I searched G for info on this but came up with nothing so I figure it's time to ask the experts. I broke out my PC 4210 last night to cut some box joints. Using the included manual as a guide all went smoothly on my test cuts. I then set the jig up for the Cherry pieces I wanted to join. I used corner 'A' to set up the jig and then went through and cut all 4 corners worth of joints. I did test the first corner and it was good but each corner cut after that are not aligning properly. All outside faces were placed either against the jig or away from it in the proper orientation, everything butted up to the stop plates and aluminum plates properly.
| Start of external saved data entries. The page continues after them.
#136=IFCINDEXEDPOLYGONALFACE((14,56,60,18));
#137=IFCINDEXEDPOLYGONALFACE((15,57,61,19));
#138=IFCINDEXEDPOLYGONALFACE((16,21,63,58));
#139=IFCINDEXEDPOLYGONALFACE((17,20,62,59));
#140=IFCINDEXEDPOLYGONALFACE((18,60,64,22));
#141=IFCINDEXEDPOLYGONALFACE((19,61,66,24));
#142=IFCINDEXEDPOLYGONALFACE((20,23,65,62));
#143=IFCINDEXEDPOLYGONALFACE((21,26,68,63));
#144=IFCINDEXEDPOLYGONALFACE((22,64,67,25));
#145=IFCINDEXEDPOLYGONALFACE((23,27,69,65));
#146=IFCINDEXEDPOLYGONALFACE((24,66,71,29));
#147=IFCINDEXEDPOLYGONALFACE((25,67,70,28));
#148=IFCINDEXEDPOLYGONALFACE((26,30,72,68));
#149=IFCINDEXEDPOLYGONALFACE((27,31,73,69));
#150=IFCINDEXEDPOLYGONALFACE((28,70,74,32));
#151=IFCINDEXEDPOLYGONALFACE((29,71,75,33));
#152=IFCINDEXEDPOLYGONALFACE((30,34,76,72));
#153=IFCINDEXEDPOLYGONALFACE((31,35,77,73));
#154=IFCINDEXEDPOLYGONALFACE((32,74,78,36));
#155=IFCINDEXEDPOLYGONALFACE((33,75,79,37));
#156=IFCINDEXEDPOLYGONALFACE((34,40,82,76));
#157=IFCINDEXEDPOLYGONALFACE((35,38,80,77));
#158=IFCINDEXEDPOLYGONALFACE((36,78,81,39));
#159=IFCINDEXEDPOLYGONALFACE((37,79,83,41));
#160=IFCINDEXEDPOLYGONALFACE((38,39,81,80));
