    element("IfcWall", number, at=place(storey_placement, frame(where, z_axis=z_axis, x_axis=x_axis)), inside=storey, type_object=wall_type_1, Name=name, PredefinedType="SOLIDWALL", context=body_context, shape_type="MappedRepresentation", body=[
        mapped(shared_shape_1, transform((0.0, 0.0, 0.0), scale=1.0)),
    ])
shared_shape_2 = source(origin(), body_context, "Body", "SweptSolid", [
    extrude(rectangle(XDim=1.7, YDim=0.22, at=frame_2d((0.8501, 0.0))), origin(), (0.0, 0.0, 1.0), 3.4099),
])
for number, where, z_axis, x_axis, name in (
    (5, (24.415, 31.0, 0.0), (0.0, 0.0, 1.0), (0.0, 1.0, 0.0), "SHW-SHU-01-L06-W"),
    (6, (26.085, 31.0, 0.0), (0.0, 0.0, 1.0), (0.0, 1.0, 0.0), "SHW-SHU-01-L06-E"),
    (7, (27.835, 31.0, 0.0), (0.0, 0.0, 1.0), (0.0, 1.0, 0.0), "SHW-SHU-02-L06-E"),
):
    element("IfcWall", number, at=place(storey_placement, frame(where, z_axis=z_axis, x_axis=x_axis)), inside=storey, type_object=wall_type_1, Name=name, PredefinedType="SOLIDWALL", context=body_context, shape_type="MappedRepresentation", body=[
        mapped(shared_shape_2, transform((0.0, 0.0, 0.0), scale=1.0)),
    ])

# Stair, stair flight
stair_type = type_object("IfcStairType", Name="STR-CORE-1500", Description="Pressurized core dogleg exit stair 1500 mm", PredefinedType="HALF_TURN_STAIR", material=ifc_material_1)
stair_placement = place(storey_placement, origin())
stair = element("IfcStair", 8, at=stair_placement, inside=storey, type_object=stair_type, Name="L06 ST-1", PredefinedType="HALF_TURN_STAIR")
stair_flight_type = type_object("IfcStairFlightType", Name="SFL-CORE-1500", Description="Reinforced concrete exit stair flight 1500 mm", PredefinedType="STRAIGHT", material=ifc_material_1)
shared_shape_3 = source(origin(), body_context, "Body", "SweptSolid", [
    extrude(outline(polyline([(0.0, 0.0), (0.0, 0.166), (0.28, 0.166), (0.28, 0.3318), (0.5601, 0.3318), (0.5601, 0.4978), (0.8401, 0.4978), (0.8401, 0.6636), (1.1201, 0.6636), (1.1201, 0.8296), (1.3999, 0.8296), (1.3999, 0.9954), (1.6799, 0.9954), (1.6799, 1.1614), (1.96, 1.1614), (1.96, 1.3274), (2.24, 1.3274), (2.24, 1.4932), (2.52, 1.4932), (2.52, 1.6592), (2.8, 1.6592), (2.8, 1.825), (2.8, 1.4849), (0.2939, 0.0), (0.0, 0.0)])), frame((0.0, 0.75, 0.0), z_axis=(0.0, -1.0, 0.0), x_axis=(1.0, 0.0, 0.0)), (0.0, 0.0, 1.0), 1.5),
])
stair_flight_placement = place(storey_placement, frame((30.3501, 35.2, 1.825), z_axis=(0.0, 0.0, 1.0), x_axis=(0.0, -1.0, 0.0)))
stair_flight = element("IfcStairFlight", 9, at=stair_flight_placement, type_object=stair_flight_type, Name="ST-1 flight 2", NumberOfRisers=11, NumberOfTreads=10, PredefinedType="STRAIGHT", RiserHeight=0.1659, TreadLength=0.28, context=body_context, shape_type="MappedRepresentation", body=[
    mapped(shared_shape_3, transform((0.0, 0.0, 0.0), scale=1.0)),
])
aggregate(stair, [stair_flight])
The manual doesn't state the need to precisely center or line up the wood relating to the side to side placement in the jig except on the right side cut for the second piece. On this set up you center the fingers between the aluminum template and slide the stop plate over. Note, nowhere does it say this has to be exact so I am assuming as close as your eye can determine center is fine. For the first piece, I also tried to center the piece the best I could by eye since no comments are made in the manual about lining up this piece except to line up the marks on the template where the good piece and scrap piece meet.



















Obviously something is wrong with the way I did this because the other 3 joints I cut are all out of alignment so that the edges of what would be my cabinet box don't line up. The fit of the fingers are fine. Is it necessary to set up each joint ( the 2 cuts ) independent of each other or can you set one and just cut the remaining 3 for a 4 sided box?

thx,
John


----------



## kdc68

Maybe this will help
http://www.rockler.com/tech/RTD10000211AA.pdf


----------



## ajosephg

I've found that centering is very critical and I use feeler gauges to center the stops.
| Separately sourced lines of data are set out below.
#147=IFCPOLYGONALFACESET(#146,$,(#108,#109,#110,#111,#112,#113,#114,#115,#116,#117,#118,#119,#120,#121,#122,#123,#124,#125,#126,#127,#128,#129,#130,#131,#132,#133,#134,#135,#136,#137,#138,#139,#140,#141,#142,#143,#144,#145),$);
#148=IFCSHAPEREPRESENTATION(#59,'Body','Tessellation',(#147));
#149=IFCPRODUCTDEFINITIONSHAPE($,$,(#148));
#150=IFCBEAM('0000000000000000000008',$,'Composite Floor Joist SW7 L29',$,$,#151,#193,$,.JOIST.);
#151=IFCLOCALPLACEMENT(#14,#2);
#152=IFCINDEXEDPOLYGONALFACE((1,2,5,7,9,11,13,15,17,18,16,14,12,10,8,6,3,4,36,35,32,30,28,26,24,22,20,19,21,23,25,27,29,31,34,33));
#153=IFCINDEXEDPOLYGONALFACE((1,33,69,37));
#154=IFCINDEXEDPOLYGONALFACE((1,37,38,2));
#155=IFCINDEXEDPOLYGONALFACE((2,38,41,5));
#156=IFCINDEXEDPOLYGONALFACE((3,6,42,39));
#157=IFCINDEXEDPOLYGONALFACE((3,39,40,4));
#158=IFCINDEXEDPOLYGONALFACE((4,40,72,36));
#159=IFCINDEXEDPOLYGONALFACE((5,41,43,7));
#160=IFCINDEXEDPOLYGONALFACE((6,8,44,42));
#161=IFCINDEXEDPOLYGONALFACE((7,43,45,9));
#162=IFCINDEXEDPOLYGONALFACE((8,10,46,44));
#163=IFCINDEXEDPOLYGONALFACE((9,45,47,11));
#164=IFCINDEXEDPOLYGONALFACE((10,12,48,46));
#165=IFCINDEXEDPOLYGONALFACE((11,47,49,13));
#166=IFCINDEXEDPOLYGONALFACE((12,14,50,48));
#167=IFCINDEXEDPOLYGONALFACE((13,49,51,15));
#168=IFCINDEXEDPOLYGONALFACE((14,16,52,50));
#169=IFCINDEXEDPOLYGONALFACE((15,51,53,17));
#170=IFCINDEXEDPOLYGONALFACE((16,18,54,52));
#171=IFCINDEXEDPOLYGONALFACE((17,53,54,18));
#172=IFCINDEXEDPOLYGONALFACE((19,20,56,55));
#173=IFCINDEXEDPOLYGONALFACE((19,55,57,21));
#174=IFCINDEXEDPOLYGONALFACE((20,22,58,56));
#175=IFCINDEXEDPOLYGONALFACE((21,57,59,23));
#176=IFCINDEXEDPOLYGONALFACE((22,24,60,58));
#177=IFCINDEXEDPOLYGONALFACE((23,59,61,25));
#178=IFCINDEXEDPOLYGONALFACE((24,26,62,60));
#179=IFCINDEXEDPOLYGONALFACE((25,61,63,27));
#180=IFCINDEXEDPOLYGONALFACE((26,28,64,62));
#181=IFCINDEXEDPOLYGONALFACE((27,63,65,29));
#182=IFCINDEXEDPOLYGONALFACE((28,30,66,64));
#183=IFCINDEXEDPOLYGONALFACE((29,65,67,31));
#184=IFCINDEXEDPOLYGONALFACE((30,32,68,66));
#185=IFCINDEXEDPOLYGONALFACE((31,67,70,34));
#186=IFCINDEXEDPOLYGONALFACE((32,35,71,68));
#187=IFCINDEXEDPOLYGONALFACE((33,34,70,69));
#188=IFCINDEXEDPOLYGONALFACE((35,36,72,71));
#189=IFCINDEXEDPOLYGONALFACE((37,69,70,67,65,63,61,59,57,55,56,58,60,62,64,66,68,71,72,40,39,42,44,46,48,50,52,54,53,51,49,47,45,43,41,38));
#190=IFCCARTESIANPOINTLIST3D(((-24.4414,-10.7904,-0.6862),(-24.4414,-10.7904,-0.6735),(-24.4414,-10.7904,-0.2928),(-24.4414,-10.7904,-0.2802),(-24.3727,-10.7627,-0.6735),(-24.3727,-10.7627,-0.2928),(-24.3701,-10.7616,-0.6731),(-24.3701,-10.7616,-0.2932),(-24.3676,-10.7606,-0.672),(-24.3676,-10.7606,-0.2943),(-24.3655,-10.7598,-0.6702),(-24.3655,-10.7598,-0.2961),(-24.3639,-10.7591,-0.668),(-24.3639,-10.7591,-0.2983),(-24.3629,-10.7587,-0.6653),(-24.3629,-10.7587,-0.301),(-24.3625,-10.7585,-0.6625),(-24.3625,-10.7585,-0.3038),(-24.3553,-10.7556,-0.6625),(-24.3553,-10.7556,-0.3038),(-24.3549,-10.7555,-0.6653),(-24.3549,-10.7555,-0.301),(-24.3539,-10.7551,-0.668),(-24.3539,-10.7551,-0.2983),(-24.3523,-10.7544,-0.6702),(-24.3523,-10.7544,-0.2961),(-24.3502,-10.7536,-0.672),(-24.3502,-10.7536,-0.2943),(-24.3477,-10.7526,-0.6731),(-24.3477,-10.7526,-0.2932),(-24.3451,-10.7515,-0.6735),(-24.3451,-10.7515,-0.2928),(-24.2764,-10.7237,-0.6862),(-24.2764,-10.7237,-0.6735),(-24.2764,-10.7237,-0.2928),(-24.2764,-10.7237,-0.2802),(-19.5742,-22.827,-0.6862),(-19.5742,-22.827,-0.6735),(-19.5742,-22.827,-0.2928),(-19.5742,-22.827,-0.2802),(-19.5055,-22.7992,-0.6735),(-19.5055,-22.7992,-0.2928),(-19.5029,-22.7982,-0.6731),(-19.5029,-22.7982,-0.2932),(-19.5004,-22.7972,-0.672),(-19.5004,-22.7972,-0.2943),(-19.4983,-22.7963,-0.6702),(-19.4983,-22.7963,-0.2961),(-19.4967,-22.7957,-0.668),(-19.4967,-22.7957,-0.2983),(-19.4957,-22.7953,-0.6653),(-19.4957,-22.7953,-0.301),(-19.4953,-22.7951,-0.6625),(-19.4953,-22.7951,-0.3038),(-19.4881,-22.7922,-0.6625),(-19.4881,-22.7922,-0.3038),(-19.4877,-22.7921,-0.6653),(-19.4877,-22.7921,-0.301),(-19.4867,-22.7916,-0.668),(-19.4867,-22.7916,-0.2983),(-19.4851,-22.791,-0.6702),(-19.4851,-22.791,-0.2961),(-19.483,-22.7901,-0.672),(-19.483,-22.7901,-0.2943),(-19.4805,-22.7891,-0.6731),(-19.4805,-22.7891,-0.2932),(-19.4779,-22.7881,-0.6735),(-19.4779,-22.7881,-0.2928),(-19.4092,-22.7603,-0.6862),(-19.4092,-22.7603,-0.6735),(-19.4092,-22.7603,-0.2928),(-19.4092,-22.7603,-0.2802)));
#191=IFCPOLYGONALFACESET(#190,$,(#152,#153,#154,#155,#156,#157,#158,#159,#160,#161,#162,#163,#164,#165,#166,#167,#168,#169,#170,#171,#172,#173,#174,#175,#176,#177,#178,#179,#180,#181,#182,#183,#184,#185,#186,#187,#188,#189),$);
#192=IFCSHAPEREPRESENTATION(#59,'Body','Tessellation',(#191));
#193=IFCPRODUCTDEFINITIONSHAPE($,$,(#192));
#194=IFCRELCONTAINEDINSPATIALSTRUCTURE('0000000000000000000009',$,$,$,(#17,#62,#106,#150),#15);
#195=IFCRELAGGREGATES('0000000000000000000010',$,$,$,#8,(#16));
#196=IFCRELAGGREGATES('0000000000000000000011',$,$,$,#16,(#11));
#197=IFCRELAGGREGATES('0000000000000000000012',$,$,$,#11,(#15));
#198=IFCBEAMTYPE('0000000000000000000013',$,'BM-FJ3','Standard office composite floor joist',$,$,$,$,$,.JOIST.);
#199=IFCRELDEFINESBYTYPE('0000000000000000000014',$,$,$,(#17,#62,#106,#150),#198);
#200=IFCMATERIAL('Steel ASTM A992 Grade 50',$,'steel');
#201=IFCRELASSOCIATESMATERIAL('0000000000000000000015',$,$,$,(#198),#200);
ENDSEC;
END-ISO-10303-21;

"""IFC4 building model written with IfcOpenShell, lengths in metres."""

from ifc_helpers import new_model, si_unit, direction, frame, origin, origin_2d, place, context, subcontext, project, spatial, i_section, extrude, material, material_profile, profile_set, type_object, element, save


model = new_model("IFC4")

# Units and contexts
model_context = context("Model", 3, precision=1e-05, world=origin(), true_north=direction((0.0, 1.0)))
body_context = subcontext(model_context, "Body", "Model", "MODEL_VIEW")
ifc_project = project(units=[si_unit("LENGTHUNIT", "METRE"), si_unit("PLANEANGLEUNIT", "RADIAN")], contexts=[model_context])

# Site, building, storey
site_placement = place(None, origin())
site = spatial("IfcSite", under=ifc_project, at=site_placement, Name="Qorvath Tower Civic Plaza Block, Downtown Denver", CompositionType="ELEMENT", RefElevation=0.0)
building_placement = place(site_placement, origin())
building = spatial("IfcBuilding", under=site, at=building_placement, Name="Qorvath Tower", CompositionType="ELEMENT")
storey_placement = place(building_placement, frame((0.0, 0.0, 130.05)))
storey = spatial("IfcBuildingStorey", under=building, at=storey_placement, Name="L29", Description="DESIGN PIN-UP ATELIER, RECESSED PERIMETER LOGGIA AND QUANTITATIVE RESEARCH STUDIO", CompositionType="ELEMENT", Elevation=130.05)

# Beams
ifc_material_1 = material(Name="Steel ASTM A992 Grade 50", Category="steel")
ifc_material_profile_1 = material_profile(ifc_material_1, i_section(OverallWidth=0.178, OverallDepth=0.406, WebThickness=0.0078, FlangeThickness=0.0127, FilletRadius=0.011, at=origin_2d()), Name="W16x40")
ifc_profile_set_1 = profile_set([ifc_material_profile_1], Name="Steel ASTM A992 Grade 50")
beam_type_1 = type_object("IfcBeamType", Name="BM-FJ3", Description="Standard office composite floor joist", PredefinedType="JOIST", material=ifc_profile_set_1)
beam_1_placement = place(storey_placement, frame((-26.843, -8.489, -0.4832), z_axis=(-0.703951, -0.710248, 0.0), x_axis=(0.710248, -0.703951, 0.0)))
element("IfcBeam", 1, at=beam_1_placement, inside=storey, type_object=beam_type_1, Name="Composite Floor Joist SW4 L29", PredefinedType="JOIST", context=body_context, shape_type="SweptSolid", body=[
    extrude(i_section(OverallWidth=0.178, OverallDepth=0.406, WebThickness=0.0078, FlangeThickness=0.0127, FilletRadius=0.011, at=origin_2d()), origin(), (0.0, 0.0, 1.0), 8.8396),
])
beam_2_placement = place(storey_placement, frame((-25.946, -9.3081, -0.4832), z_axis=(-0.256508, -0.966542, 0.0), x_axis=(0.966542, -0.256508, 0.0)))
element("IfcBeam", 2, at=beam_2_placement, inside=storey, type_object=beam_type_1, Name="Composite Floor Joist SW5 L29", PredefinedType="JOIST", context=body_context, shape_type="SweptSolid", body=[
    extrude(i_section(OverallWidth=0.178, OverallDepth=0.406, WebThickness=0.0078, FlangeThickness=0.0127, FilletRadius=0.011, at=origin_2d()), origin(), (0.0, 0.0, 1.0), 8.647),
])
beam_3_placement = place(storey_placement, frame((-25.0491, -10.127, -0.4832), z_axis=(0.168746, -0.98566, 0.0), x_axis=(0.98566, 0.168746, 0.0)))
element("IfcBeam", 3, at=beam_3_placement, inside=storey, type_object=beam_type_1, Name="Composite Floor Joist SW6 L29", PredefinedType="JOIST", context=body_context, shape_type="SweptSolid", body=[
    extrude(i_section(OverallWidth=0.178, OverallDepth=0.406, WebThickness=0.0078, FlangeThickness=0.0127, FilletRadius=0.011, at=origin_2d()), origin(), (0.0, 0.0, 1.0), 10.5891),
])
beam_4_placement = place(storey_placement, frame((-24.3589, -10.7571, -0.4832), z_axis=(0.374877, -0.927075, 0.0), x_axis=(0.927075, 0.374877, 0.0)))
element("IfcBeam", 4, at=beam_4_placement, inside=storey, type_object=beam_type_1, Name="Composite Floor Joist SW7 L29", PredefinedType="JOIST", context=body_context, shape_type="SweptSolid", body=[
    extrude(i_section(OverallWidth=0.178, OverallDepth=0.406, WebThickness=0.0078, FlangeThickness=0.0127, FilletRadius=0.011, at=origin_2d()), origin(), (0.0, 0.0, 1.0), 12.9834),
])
But - even more important in my opinion is to use only one stop for all the cuts, my preference being the left stop. This way if you are off a little on the centering it will not keep the corners of your box from lining up.

The way I do this is:
1. Cut the joints on one of of the stock with the "inside" surface of the stock against the body of the jig.
2. Flip the stock end for end and cut the opposite end of the stock with the "outside" surface of the stock away from the body of the jig.
3. Repeat steps 1&2 for the rest of the sides.


----------



## Farrout

I just bought a 4216 last week.
I've been doing some experimental cuts, and I'm going to try to recreate what you have this weekend.
I'll let you know the results.


----------



## Ton80

Joe, that is interesting.. Maybe I will retry cutting some samples tomorrow using your method of all cutson the left side of the jig. I figure its because my center was probably a slight bit off which compounded the error..
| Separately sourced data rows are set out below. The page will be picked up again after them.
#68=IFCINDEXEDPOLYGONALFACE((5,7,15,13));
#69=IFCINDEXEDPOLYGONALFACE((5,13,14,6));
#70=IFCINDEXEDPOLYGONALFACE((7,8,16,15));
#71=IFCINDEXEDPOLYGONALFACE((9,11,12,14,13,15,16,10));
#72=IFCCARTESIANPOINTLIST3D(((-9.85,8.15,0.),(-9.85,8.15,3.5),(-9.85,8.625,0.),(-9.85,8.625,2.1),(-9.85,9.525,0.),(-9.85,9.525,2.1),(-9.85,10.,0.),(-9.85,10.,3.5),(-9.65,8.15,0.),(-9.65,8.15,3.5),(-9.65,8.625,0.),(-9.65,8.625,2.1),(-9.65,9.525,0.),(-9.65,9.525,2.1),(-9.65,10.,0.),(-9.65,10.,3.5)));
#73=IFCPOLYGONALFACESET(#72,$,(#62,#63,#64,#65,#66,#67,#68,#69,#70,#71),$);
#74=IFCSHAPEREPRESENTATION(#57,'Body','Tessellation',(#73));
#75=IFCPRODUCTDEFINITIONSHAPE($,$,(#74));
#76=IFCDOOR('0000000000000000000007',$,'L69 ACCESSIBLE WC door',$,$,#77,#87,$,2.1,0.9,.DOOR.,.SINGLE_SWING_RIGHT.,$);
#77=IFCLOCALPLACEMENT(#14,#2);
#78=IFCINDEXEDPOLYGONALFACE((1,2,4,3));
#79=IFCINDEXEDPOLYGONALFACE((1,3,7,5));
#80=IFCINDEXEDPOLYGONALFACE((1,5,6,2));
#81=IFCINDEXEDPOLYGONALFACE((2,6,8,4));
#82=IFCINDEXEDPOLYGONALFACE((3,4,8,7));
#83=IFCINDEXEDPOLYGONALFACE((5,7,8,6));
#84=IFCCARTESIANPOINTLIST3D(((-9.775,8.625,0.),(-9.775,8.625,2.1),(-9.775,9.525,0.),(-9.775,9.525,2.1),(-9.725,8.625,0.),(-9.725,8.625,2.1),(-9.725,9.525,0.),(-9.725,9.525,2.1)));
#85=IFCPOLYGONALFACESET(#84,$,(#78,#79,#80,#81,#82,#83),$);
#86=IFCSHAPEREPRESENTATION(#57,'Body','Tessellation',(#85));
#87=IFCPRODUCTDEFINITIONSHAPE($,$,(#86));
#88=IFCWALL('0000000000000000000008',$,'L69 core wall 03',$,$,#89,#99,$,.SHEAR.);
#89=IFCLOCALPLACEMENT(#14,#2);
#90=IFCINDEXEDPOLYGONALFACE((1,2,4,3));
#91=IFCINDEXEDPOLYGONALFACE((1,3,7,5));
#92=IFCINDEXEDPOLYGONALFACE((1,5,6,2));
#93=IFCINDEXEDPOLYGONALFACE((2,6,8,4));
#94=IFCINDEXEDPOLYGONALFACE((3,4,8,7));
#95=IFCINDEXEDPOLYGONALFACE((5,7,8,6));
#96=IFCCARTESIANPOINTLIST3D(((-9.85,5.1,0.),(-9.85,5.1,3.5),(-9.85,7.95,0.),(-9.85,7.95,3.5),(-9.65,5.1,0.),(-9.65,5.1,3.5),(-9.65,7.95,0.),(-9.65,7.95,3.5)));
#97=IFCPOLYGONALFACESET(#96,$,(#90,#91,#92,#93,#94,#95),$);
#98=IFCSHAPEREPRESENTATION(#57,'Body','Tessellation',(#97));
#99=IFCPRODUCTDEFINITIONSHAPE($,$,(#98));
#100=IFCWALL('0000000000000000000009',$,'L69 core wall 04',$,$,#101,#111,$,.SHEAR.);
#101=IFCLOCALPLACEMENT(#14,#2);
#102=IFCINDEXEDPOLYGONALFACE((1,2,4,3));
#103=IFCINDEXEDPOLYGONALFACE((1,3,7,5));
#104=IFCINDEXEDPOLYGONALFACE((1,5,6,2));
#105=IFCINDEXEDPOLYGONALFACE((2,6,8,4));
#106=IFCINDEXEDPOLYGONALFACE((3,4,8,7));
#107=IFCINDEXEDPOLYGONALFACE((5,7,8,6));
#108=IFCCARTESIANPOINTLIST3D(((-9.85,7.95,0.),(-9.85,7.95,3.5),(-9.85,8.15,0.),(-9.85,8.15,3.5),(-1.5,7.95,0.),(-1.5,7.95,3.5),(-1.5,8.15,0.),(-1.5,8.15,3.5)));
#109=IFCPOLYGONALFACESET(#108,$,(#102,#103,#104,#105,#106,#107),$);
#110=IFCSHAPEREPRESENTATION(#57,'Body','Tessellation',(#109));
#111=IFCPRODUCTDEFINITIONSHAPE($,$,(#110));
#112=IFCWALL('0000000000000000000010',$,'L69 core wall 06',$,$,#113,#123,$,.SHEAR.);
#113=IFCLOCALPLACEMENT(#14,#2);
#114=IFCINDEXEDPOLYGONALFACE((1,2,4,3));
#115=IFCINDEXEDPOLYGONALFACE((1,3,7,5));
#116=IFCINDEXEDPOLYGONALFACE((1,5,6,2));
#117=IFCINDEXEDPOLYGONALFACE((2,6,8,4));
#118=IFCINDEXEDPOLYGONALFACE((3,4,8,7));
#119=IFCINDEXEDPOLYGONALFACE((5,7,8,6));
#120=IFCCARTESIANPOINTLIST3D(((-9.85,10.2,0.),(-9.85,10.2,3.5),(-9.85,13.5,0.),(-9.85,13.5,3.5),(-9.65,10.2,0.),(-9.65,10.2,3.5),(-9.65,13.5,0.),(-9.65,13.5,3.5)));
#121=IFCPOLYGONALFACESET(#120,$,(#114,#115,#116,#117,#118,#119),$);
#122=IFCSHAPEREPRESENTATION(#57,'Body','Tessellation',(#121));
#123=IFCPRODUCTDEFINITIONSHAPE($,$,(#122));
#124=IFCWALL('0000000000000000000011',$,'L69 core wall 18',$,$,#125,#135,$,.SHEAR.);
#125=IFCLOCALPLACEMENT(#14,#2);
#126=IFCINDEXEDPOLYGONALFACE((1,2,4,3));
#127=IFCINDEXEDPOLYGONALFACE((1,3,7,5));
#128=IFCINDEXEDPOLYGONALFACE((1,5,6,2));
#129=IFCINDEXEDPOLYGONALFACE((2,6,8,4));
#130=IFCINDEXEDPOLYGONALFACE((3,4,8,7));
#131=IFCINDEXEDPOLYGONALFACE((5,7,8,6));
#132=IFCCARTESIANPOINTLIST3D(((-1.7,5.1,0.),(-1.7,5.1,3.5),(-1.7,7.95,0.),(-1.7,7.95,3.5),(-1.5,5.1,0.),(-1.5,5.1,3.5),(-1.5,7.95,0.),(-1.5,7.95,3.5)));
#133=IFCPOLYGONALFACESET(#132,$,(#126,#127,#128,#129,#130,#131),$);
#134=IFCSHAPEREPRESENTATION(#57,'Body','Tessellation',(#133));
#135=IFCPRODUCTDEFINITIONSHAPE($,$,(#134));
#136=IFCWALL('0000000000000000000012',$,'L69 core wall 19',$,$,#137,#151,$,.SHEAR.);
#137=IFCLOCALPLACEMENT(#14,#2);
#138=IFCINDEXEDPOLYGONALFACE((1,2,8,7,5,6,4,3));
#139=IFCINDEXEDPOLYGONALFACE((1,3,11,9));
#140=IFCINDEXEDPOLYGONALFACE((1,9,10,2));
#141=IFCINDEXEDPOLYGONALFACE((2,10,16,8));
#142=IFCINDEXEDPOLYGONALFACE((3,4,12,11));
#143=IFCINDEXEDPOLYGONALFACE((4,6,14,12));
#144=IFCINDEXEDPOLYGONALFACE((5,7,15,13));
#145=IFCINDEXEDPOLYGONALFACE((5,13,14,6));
Bottom line is its possible to set and forget if I am running pieces that are all the same width…


----------



## Farrout

I came up with an idea for alignment that may work.
I took a piece of scrap (this process seems to take a lot of 'scrap') the same width as the finish piece.
As a 'first board' cut, rather than use the 1/2" bit, I used a 1/4" bit.
The teeth on the jig are 1/4" wide, so when you move the piece to the right and slide it up, there
is a tight fit on the jig. Now you can set the right index. Perfect alignment.
I'm going to test this some more also using Joe's method.
(Note: the pictures are for a test and do not use measured width pieces.)


















UPDATE:
You can use a piece of the final assembly to do the 1/4" cuts. Save a piece of scrap.
I used the method plus flipping the boards per Joe,
Here is my result. I'm satisfied.


----------



## Ton80

Nice! So after you set up the right side using the 1/4" cuts did you run all the pieces of the test box on that one setup? I didn't have time to retry my box again but I think between your info and Joe's idea I should be able to set up and run it again. Still haven't figure out why my first joint fit and the other 3 were off but hoping to solve it with this info


----------



## kellysparkles

I've successfully made mini box joints with this jig but decided to try the 1/2" box joints. I followed the directions to the T using the correct bit, template, and guide bushing provided but the fingers were too fat to fit together. I decided to try the 5/8" guide bushing but then there was 1/16" gap between each interlocking finger. I measured the diameter of the 1/2" bit (part 43743pc) and it'S actually 3/8"! Anyone else have this issue?


----------



## Wickerdave

> I ve found that centering is very critical and I use feeler gauges to center the stops.
> 
> But - even more important in my opinion is to use only one stop for all the cuts, my preference being the left stop. This way if you are off a little on the centering it will not keep the corners of your box from lining up.
> 
> The way I do this is:
> 1. Cut the joints on one of of the stock with the "inside" surface of the stock against the body of the jig.
> 2. Flip the stock end for end and cut the opposite end of the stock with the "outside" surface of the stock away from the body of the jig.
> 3. Repeat steps 1&2 for the rest of the sides.
> 
> - ajosephg


----------



## Wickerdave

to Joe

I am new to this game, practicing on box joints. I have a 4316 PG jig. I use your method of cutting all the blanks on the left side and that really helped. Ihe problem is that I end up with different hights of the sides when I'm done cutting them and putting them together. Usually by about 1/4" on two of the sides. help


----------



## ajosephg

Hi Dave, welcome to Lumberjocks. I just relocated from Bella Vista to Siloam Springs, and my shop is still packed up in about a thousand boxes.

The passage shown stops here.